Подойдя к заграждению, и обнаружив за ним засевших, за мешками с песком, милиционеров, весомость аргументов которых, зачастую, поддерживал станковый пулемет, выглядывающий из укрепленного гнезда, устроенного в ближайшем переулке, солдаты, конечно, высказывали свое возмущение, но, кроме мата и угроз, ничего более серьезного не происходило. Ломать заграждение и прорываться под огнем пулемета вглубь центральных кварталов, солдатам было откровенно лень, тем более, что большая часть беззащитного города пребывала в их полном распоряжении. Помитинговав у Мариинского дворца, требуя отставки особо ненавистных Милюкова и Гучкова, солдаты, зачастую, разбредались по городу. Какая-то часть их сбивалась в стаи, с целью проведения, так полюбившихся, еще в безумном феврале, обысков и реквизиций.
А Первого мая все как будто сорвались с привязи. Солдат на улицах стало в два раза больше, рабочие вышли на улицы, и подогреваемые воинственными лозунгами от Петросовета, огромными толпами перли к Мариинскому дворцу, требуя… А что же они требовали? Выкинуть сторонников войны «октябриста» Гучкова и «кадета» Милюкова из правительства, заменив их на сторонников войны от левых партий? Временное правительство, опасаясь, что возбужденные толпы вооруженных людей сметут их, вели кулуарный торг с социалистами из Петросовета, пытаясь сосватать им несколько малозначительных министерские постов, и на этом основании объявить о формировании правительства «народного доверия», в то время как социалисты, не желая нести политической ответственности за обстановку в стране, которая абсолютно не желала меняться в лучшую сторону, вяло отбивались, ведь критиковать всегда легче, чем что-то делать.
Я вошел в кабинет, с наслаждением скинул куртку и начал расстегивать ремни, крепящие кирасу, когда в оконное стекло прилетел небольшой камешек.
На дворе стояла глубокая ночь, мы только что вернулись с небольшой вылазки на Васильевский остров, где на Среднем проспекте загнали во дворы группу солдат Волынского полка, одного из самых «левых», что, руководствуясь классовым сознанием провели обыски и реквизиции в пользу революционных масс ценностей из двух квартир профессоров университета.
Очередь из пяти патронов показала, что их десяток винтовок против наших двух десятков автоматов «не пляшут», а ждать помощи в лабиринте проходных дворов глупо, поэтому, после получаса переговоров бойцы подняли руки, сдали оружие и патроны, а также «буржуйское» добро, уложенное в вещевые мешки, смиренно получили несколько затрещин и, пообещав устроить «ментам» веселую жизнь, гордо удалились в сторону своих казарм. Мы же, повозившись с возвращением потрясенным потерпевшим их столового серебра, шубы, бархатных штор, пары портсигаров и глобуса на бронзовой подставке, вернулись в свое расположение очень поздно, и сейчас я хотел только скинуть с себя все это железо и отправиться домой, к молодой жене и теткиным пирогам…

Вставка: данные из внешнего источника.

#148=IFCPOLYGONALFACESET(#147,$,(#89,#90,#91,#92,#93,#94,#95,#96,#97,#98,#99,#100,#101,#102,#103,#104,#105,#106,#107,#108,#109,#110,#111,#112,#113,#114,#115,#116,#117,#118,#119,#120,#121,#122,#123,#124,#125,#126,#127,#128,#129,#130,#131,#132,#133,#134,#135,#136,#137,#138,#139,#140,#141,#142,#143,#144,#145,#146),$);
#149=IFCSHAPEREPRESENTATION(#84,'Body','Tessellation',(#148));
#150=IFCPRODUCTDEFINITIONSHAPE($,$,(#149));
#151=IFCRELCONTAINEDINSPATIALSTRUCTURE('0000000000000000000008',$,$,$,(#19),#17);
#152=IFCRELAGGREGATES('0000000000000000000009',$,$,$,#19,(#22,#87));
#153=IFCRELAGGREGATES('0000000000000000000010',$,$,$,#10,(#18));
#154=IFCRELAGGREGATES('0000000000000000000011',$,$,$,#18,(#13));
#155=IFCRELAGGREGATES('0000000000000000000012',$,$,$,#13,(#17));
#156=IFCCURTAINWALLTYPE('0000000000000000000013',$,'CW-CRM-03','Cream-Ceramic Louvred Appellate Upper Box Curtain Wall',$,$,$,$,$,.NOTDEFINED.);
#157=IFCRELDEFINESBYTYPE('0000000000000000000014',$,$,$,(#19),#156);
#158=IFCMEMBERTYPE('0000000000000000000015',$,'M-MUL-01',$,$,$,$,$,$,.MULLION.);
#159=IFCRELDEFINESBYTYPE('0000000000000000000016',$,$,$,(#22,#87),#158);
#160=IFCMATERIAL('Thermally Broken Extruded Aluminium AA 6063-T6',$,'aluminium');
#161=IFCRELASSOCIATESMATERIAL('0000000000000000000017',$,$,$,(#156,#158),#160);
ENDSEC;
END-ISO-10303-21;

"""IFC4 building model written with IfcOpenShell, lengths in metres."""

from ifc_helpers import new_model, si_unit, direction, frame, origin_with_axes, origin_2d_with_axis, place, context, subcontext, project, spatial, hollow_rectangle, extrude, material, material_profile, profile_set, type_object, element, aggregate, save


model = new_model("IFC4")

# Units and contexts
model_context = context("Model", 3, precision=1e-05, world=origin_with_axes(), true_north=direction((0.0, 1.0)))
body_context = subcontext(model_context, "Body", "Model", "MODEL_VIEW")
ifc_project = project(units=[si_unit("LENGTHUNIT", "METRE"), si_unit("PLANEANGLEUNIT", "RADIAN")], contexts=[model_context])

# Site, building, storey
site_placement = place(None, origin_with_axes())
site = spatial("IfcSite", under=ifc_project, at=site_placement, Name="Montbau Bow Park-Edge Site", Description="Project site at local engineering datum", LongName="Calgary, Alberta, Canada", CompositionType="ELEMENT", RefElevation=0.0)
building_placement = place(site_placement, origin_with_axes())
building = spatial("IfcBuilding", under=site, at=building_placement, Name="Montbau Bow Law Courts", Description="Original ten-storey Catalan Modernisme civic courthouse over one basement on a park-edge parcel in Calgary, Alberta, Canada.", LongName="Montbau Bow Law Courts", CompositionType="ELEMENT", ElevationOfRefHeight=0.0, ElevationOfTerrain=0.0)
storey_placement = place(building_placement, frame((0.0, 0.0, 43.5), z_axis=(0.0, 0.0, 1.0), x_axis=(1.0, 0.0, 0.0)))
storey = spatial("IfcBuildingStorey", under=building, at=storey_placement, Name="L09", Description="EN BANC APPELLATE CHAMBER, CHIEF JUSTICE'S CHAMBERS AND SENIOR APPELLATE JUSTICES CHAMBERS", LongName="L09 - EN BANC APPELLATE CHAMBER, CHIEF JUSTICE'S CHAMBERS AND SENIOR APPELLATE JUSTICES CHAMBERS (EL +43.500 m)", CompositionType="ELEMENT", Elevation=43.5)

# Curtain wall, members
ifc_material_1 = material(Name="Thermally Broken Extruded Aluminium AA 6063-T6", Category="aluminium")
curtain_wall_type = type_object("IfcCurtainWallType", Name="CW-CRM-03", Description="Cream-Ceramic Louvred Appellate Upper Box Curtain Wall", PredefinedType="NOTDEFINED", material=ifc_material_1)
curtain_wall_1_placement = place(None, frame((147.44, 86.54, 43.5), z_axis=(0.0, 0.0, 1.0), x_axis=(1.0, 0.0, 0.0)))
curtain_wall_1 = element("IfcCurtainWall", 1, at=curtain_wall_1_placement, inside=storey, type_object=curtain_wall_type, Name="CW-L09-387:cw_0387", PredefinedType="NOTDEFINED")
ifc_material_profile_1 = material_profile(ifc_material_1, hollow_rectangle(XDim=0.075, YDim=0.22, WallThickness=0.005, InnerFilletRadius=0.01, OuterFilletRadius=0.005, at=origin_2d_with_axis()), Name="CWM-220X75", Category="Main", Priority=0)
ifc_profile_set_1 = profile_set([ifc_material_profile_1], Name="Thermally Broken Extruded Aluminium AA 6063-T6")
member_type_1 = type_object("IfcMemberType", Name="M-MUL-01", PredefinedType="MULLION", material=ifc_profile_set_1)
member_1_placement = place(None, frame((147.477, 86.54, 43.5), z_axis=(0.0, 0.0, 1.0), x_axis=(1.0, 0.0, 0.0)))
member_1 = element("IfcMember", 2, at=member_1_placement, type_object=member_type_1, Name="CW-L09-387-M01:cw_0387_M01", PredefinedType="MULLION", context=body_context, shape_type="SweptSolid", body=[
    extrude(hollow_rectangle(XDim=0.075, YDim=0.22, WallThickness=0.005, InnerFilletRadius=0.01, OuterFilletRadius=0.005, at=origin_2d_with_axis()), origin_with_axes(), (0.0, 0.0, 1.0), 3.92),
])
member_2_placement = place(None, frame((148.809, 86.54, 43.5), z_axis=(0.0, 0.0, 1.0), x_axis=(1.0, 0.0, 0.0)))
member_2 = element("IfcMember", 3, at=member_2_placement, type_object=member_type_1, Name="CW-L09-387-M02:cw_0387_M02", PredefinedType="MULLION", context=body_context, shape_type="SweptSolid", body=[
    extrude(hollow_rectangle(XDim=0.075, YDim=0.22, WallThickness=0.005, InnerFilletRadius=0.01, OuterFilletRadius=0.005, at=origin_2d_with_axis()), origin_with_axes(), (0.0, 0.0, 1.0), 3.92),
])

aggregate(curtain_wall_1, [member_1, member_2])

Пришлось выключать свет, и осторожно приоткрыв половинку рамы, выглядывать наружу.
Мой ряженый «морячок», спрятавшись за углом госпиталя, махал белым платком. Я вздохнул и начал натягивать куртку поверх, так и не снятой кирасы. Не то, чтобы я не доверял своему агенту, внедренному в рабочий отряд большевистского райкома в качестве инструктора боевой подготовки. Хотя, кого я обманываю — некоторым лицам с авантюрным складом характера, а мой агент был из таких, я не доверял. Вполне вероятно, что он решил сделать карьеру в организации своих подопечных, а что может быть лучшим вступительным взносом, чем моя голова, принесенная на блюде по старинному обычаю.
— Что случилось? — я подходил медленно, направив короткий ствол револьвера — «бульдога», не вынимая его из кармана куртки в сторону темного силуэта, стоящего в тени у здания госпиталя. Карман этот молодая супруга зашивала уже трижды, давно перестав ругаться и лишь горячо молясь по ночам на старую икону «Казанской Божьей матери», висящей в углу спальни, когда думала, что я сплю, умоляя Заступницу уберечь неуемного Павлушу.
— Анюта сегодня не пришла, а дело неотложное. — «моряк» достал папиросы, но передумал и сунул пачку «Пушки» назад в карман: — Очевидно, завтра будет дело.
По городу последние дни постреливали, как будто был не май, а февраль, после того, как я сократил зону милицейского контроля, тут же подняла голову юная поросль «рощинских» хулиганов, и с молодой девахой, одетой под «гулящую», могло случится все, что угодно.